Reputation: 6221
I'm scraping a very poorly written site with Beautiful Soup 4. I've got everything but the user's email address, which isn't in any containing element that distinguishes it. Any ideas how to scrape it? next_sibling
of the strong element skips right over it, as I expected.
<div class="fieldset-wrapper">
<strong>
E-mail address:
</strong>
[email protected]
<div class="field field-name-ds-user-picture field-type-ds field-label-hidden">
<div class="field-items">
Upvotes: 0
Views: 608
Reputation: 1295
I can't answer your question directly as I've never used Beautiful Soup (so do NOT accept this answer!) but just want to remind you if the pages are all pretty simple, an alternative option might be to write your own parser using .split()
?
This is rather clumsy, but worth considering if pages are simple/predictable...
That is, if you know something about the overall layout of the page (e.g., user email is always first email mentioned) you could write your own parser, to find the bit before and after the '@' sign
# html = the entire document as a string
# return the entire document up to the '@' sign
bit_before_at_sign = html.split('@')[0]
# only useful if you know first email is the one you care about
# you could then cut out everything before username with something like this
b = bit_before_at_sign
# a very long string, we just want the last bit right before the @ sign
username = b.split(' ')[-1].split('\n')[-1].split('\r')[-1].split('\r')[-1].split(';')[-1]
# add more if required, depending on how the html looks to you
# (I've just guessed some html elements that might precede the username)
# you could similarly parse the bit after the @ sign,
# html.split('@')[1]
# e.g., checking the first few characters of this
# against a known list of .tlds like '.com', '.co.uk', etc
# (remember some TLDs have more than one period, so don't just parse by '.')

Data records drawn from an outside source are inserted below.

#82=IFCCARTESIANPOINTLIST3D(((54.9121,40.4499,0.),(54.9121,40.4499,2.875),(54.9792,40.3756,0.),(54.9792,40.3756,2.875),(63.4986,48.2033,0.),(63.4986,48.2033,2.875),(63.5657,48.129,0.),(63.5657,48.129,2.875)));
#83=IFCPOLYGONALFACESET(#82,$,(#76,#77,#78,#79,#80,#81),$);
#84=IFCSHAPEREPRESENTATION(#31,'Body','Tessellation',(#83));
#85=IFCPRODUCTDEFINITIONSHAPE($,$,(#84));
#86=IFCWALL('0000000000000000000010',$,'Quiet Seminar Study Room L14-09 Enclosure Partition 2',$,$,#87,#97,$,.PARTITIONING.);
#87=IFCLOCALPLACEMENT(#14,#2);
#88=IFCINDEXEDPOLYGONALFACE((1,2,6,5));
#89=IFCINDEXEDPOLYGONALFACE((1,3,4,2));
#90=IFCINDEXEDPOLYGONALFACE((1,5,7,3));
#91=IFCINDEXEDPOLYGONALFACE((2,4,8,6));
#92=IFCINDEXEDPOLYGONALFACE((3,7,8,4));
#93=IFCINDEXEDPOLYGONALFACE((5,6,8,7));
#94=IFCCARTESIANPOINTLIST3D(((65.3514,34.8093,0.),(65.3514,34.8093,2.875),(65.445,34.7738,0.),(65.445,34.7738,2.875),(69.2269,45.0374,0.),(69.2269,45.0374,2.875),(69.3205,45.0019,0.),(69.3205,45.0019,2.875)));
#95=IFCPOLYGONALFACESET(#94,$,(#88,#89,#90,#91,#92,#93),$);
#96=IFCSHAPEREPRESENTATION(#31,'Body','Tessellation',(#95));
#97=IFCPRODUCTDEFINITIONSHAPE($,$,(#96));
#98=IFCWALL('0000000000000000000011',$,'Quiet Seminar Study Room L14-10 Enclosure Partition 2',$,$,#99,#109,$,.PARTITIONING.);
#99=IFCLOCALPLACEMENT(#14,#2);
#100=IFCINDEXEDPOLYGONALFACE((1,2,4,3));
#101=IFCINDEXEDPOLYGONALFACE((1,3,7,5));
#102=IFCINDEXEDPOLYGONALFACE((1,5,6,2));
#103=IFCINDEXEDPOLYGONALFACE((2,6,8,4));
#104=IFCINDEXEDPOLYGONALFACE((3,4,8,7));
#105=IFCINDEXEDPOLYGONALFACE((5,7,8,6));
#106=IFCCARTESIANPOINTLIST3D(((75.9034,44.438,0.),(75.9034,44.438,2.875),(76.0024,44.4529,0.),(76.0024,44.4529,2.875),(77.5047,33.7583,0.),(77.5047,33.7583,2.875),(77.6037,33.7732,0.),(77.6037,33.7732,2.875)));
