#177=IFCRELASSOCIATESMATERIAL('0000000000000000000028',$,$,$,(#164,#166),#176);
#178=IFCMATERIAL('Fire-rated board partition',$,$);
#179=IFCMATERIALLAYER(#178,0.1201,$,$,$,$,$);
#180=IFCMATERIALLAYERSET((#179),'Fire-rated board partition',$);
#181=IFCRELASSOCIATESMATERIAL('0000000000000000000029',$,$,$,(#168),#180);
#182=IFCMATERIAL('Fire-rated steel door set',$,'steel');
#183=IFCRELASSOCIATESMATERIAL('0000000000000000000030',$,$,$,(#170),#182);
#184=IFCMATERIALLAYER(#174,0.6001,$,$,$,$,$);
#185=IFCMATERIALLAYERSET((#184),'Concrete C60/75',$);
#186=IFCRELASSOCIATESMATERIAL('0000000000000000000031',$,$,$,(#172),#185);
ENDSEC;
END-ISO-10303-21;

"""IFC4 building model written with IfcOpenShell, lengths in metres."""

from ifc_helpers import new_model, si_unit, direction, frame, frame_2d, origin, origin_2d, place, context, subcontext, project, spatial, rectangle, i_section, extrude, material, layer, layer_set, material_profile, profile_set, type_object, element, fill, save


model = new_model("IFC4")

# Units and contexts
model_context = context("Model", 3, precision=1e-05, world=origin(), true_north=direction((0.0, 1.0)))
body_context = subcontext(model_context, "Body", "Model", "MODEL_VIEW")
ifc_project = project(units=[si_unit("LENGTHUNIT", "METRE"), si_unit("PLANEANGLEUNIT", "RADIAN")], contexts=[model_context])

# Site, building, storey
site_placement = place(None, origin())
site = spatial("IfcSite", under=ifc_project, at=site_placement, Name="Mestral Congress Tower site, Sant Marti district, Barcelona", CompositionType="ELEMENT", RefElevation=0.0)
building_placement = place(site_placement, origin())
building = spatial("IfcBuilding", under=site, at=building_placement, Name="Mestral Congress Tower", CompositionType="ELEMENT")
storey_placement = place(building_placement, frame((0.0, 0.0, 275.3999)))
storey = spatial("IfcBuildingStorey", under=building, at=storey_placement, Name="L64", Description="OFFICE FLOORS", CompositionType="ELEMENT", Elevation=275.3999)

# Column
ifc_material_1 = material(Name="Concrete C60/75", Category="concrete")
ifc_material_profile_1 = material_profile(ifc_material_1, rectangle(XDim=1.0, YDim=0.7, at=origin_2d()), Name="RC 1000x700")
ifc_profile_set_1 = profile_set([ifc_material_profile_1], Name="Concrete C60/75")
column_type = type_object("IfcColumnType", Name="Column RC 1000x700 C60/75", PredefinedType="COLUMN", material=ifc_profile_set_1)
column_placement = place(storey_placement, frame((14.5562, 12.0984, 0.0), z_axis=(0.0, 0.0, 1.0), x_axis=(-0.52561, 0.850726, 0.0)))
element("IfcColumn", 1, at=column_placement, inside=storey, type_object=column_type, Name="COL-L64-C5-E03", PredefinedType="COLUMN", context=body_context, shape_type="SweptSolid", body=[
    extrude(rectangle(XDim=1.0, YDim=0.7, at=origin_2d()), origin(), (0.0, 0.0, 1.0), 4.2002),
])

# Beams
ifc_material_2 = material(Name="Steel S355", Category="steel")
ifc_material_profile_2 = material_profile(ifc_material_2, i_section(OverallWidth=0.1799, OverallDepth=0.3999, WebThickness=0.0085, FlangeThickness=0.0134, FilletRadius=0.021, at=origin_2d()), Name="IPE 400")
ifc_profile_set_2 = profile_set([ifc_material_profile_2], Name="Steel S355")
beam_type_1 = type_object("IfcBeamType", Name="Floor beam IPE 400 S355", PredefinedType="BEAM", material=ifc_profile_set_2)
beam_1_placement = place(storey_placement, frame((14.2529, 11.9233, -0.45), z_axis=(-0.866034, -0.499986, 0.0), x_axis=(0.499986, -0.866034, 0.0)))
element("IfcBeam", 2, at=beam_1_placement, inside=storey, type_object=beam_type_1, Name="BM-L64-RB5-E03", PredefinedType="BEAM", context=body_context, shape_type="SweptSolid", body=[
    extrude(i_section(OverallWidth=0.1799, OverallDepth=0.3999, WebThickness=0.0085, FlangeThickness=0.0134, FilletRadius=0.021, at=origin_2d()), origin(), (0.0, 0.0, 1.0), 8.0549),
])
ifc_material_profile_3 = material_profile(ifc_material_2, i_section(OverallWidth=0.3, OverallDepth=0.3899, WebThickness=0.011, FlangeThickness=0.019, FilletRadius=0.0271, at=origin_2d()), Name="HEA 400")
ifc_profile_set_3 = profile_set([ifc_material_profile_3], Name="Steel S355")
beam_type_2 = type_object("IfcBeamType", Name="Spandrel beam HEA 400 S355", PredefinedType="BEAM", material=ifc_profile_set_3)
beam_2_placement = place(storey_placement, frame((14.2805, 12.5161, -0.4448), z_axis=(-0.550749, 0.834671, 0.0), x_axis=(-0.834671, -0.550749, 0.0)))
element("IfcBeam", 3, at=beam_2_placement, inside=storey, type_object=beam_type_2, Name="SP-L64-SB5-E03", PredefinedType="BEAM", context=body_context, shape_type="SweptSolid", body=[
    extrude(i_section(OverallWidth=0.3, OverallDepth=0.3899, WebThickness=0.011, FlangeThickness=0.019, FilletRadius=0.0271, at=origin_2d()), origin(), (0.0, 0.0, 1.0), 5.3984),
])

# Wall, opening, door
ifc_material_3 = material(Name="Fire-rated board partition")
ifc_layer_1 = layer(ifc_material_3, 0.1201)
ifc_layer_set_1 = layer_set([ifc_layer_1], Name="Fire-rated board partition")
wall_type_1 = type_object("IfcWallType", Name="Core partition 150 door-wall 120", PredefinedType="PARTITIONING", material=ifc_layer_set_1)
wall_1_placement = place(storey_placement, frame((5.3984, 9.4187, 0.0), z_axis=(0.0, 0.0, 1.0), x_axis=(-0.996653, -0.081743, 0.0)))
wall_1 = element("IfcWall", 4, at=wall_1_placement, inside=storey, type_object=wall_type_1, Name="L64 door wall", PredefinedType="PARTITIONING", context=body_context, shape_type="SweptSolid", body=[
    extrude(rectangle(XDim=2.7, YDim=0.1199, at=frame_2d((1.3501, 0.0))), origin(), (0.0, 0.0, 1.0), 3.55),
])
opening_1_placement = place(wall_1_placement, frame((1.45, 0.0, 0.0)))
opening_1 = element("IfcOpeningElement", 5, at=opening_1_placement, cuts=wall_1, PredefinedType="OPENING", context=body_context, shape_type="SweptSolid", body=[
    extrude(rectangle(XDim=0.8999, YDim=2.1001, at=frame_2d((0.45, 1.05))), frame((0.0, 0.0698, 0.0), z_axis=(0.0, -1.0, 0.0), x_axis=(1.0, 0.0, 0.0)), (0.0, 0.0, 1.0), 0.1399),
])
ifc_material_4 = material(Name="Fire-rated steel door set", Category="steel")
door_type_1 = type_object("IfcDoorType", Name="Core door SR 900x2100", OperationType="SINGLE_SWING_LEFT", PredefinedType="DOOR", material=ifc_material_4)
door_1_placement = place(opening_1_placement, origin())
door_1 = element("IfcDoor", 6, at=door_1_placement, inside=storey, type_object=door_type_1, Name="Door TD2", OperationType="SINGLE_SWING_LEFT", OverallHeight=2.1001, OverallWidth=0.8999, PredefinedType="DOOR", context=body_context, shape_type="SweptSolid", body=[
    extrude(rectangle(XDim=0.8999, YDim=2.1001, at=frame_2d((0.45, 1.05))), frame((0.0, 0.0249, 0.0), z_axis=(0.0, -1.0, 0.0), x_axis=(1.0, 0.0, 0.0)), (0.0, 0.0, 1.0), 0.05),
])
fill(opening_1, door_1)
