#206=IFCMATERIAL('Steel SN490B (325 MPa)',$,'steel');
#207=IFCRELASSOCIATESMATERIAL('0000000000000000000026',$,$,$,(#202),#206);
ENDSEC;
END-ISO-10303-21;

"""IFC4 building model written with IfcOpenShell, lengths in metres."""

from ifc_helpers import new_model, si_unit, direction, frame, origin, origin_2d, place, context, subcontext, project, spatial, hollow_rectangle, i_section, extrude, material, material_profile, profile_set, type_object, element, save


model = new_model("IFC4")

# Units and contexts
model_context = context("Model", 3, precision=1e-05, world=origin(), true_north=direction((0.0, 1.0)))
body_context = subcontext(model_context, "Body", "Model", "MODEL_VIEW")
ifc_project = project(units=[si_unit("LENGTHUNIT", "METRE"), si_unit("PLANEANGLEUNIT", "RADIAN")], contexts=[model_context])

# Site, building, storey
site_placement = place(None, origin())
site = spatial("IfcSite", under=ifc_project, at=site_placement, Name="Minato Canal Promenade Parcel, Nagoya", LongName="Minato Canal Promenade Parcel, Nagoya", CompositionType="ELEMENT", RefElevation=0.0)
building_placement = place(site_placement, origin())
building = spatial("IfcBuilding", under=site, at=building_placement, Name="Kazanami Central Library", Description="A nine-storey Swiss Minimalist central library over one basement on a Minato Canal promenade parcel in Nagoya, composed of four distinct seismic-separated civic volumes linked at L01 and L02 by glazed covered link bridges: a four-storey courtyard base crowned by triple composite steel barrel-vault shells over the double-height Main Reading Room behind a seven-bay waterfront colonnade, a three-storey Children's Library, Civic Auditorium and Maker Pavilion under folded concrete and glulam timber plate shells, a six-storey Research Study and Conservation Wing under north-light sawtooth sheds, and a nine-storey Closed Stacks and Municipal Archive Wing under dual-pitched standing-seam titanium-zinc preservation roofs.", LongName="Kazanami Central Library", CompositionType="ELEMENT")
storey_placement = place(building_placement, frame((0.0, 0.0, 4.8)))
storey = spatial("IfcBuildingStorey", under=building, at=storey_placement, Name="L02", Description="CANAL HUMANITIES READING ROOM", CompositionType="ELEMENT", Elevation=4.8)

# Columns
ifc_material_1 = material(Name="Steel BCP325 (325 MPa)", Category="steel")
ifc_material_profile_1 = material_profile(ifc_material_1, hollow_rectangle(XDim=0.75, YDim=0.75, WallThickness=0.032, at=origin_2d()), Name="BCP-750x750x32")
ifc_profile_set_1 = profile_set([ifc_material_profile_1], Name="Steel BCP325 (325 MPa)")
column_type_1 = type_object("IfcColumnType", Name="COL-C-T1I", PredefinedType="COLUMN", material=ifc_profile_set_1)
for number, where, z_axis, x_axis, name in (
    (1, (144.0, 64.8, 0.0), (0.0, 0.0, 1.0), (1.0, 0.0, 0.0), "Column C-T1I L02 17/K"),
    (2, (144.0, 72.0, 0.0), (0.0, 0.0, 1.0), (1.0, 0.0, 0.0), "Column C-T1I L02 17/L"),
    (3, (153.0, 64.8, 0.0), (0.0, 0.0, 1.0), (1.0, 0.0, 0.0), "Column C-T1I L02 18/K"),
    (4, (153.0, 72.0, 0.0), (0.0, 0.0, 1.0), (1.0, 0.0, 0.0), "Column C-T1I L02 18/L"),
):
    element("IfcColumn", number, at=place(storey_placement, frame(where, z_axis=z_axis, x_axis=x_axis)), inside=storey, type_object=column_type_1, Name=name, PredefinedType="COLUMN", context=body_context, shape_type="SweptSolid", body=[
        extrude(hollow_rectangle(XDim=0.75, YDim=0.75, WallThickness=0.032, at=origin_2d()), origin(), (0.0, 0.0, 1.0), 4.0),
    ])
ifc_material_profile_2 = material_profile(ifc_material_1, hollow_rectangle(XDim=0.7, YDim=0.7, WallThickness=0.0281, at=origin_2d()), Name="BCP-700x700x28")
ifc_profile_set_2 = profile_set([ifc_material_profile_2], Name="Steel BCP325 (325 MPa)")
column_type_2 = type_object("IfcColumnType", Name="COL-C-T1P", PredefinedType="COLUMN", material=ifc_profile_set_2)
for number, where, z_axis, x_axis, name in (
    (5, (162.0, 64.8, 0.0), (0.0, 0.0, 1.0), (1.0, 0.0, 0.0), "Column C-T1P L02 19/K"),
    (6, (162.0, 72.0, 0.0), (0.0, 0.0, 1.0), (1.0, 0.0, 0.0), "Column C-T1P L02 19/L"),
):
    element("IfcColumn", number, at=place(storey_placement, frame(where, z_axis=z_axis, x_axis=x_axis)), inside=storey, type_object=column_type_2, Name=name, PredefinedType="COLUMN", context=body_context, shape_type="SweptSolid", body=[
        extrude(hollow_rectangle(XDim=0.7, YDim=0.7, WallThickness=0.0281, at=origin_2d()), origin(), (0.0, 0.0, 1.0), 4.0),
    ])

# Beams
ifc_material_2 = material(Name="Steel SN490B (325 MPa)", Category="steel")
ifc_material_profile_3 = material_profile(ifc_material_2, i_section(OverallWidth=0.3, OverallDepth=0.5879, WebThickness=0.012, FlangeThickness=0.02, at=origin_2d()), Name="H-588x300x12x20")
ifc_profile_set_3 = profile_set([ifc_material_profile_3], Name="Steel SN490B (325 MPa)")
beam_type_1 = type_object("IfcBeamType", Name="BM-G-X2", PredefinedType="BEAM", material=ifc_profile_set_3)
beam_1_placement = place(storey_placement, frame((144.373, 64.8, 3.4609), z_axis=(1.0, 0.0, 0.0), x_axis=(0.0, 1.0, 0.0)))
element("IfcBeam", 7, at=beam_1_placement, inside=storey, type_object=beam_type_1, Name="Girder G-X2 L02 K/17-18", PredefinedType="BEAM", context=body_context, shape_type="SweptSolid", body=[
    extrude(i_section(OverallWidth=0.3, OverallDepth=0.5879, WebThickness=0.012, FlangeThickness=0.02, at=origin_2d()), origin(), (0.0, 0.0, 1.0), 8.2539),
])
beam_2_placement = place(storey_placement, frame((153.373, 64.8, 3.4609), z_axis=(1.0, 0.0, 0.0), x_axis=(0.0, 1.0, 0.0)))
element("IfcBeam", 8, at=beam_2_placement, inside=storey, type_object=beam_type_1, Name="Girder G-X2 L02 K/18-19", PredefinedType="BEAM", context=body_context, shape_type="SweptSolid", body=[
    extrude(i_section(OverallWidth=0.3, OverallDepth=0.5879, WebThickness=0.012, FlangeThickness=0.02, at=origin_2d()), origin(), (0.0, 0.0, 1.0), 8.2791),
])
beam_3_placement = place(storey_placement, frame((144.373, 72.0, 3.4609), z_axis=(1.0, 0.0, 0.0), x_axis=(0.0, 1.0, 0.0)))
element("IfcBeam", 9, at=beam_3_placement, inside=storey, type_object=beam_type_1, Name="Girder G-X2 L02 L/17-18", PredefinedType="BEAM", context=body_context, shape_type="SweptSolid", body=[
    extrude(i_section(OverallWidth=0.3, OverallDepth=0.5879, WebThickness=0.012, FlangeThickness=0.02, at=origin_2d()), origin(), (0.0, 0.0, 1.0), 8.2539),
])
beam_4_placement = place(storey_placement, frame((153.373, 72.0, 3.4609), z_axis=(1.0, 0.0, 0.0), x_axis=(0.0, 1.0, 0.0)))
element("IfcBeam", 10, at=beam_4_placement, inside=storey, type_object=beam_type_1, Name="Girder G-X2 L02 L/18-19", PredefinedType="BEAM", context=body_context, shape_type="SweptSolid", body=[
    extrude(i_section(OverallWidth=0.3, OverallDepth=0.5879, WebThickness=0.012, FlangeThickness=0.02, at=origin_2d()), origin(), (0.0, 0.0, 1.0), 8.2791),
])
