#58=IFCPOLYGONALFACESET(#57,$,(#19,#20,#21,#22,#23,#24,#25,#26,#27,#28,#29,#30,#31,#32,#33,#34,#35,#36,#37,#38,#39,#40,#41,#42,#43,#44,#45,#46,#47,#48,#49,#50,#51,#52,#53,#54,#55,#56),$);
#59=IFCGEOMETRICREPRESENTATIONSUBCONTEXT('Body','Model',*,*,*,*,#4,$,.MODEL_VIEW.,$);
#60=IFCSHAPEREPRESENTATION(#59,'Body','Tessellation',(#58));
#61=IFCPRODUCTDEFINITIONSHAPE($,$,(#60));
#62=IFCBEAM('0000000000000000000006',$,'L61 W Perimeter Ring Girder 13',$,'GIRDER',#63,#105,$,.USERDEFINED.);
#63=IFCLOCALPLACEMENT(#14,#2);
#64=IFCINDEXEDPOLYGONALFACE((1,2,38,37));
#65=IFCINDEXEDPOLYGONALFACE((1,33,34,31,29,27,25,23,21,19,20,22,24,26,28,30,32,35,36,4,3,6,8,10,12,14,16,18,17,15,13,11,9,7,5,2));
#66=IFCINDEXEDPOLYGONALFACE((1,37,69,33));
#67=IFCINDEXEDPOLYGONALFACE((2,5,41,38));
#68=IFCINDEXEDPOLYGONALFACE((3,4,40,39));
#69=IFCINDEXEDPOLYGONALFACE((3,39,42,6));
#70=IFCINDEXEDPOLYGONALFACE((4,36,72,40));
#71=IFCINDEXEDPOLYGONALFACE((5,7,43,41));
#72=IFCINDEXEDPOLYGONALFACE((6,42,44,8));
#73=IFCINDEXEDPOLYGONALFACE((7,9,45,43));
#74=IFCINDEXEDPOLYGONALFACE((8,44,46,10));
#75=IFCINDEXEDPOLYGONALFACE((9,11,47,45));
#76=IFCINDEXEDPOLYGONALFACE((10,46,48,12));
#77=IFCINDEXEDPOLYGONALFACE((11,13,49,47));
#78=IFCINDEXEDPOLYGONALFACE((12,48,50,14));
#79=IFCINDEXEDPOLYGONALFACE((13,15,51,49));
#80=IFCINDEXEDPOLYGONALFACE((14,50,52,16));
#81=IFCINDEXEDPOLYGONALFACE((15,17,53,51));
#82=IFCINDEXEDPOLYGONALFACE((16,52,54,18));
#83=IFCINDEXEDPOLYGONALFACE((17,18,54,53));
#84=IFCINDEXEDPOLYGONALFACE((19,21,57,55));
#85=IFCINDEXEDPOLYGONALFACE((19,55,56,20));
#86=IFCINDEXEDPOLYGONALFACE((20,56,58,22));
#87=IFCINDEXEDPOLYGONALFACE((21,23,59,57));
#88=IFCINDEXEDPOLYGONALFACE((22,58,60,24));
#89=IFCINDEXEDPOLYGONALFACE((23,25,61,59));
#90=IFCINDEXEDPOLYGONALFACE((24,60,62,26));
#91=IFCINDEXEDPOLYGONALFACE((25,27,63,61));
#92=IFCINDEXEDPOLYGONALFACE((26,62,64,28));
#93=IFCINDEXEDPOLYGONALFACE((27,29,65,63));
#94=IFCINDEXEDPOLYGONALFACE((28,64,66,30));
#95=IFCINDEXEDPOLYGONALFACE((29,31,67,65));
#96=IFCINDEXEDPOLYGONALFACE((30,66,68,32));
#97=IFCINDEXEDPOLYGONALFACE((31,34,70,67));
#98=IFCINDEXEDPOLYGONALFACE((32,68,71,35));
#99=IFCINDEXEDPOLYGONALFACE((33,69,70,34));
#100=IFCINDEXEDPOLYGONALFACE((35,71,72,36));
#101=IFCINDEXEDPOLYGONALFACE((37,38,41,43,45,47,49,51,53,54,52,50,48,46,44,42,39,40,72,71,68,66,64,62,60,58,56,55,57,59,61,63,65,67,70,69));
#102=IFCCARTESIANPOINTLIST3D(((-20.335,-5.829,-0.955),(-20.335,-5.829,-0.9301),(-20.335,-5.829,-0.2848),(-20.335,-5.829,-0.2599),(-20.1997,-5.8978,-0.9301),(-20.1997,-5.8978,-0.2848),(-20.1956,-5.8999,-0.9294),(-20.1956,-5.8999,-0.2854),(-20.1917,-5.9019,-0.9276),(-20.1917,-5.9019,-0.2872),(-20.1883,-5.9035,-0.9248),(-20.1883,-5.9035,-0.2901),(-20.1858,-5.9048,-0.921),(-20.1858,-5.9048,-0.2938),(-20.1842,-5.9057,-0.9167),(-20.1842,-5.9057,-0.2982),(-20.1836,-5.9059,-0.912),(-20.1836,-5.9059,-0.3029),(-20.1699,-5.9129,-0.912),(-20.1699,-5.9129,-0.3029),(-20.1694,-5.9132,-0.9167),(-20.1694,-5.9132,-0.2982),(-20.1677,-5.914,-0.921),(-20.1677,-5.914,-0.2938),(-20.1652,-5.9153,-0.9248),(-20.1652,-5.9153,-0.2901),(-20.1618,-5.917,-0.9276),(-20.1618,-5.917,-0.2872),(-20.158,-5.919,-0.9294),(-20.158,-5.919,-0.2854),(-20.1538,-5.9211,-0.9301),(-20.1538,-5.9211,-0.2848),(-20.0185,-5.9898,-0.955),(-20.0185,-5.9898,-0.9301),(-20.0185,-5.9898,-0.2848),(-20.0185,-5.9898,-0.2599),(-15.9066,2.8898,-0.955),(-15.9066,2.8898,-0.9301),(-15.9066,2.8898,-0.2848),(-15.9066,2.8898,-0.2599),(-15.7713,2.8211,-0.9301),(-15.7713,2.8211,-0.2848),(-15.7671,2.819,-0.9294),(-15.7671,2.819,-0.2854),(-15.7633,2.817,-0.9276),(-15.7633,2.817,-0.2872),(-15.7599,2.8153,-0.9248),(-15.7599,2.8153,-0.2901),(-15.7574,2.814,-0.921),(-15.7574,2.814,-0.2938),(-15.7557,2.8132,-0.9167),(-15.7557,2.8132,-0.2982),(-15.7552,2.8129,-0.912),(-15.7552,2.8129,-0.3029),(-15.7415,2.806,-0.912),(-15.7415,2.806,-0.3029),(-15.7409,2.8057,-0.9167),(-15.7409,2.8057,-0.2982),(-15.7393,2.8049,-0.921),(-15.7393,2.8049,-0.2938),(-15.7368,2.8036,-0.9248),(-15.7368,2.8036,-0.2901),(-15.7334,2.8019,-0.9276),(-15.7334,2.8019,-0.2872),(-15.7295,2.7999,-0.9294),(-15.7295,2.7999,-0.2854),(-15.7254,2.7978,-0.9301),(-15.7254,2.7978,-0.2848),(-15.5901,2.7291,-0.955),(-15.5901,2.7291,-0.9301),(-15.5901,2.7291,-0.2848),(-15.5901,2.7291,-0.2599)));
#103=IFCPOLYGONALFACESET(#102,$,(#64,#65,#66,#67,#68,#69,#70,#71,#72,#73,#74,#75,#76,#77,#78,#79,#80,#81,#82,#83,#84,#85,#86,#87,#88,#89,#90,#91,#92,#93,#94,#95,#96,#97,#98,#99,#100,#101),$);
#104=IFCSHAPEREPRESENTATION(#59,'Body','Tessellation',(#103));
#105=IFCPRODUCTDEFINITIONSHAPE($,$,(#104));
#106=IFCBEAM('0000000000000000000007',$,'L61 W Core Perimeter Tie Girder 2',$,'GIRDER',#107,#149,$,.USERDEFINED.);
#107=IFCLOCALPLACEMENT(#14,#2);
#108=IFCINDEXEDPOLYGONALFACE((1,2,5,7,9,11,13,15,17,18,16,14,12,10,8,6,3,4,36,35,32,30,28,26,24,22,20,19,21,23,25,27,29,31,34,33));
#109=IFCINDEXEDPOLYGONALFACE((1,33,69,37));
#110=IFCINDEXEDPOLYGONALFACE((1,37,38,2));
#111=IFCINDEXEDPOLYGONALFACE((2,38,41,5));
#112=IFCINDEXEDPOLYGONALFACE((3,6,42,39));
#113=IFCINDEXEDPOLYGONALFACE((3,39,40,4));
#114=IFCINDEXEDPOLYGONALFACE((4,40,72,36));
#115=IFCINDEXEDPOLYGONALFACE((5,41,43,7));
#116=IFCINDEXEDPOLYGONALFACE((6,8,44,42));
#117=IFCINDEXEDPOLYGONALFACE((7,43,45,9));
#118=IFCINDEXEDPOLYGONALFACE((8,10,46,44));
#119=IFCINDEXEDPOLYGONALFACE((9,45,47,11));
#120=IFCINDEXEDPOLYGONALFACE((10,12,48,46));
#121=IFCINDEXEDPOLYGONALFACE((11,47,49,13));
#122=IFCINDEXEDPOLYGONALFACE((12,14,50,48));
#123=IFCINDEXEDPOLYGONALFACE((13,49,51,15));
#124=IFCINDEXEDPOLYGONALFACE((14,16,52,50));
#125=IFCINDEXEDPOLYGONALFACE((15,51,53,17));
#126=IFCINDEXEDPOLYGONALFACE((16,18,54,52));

# and combine with the username you already know
Also at your disposal, in case you want to narrow down which bit of the document you focus on:
In case you want to make sure the word 'e-mail' is also in the string you're parsing
if 'email' in lower(b) or 'e-mail' in lower(b):
# do something...
To check where in the document the @ symbol first appears
html.index('@')
# e.g., if you want to see how near this '@' symbol is to some other element you know about
# such as the word 'e-mail', or a particular div element or '</strong>'
To confine your search for an email to the 300 characters before/after another element you know about:
startfrom = html.index('</strong>')
html_i_will_search = html[startfrom:startfrom+300]
I imagine a few minutes more on Google may alternatively prove useful; your task doesn't sound unusual :)
And make sure you consider cases where there are multiple email addresses on the page (e.g., so you don't assign [email protected] to every user!)
Whatever method you go with, if you have doubts, might be worth checking your answer using email.utils.parseaddr() or someone else's regex checker. See previous question
Upvotes: 0
Reputation: 30260
I'm not sure this is the best way, but you could get the parent element, then iterate over its children and look at the non-tags:
from bs4 import BeautifulSoup
import bs4
html='''
<div class="fieldset-wrapper">
<strong>
E-mail address:
</strong>
[email protected]
<div class="field field-name-ds-user-picture field-type-ds field-label-hidden">
<div class="field-items">
'''
def print_if_email(s):
if '@' in s: print s
soup = BeautifulSoup(html)
# Iterate over all divs, you could narrow this down if you had more information
for div in soup.findAll('div'):
# Iterate over the children of each matching div
for c in div.children:
# If it wasn't parsed as a tag, it may be a NavigableString
if isinstance(c, bs4.element.NavigableString):
# Some heuristic to identify email addresses if other non-tags exist
print_if_email(c.strip())
Prints:
[email protected]
Of course this the inner for loop and if statement could be combined to:
for c in filter(lambda c: isinstance(c, bs4.element.NavigableString), div.children):
Upvotes: 2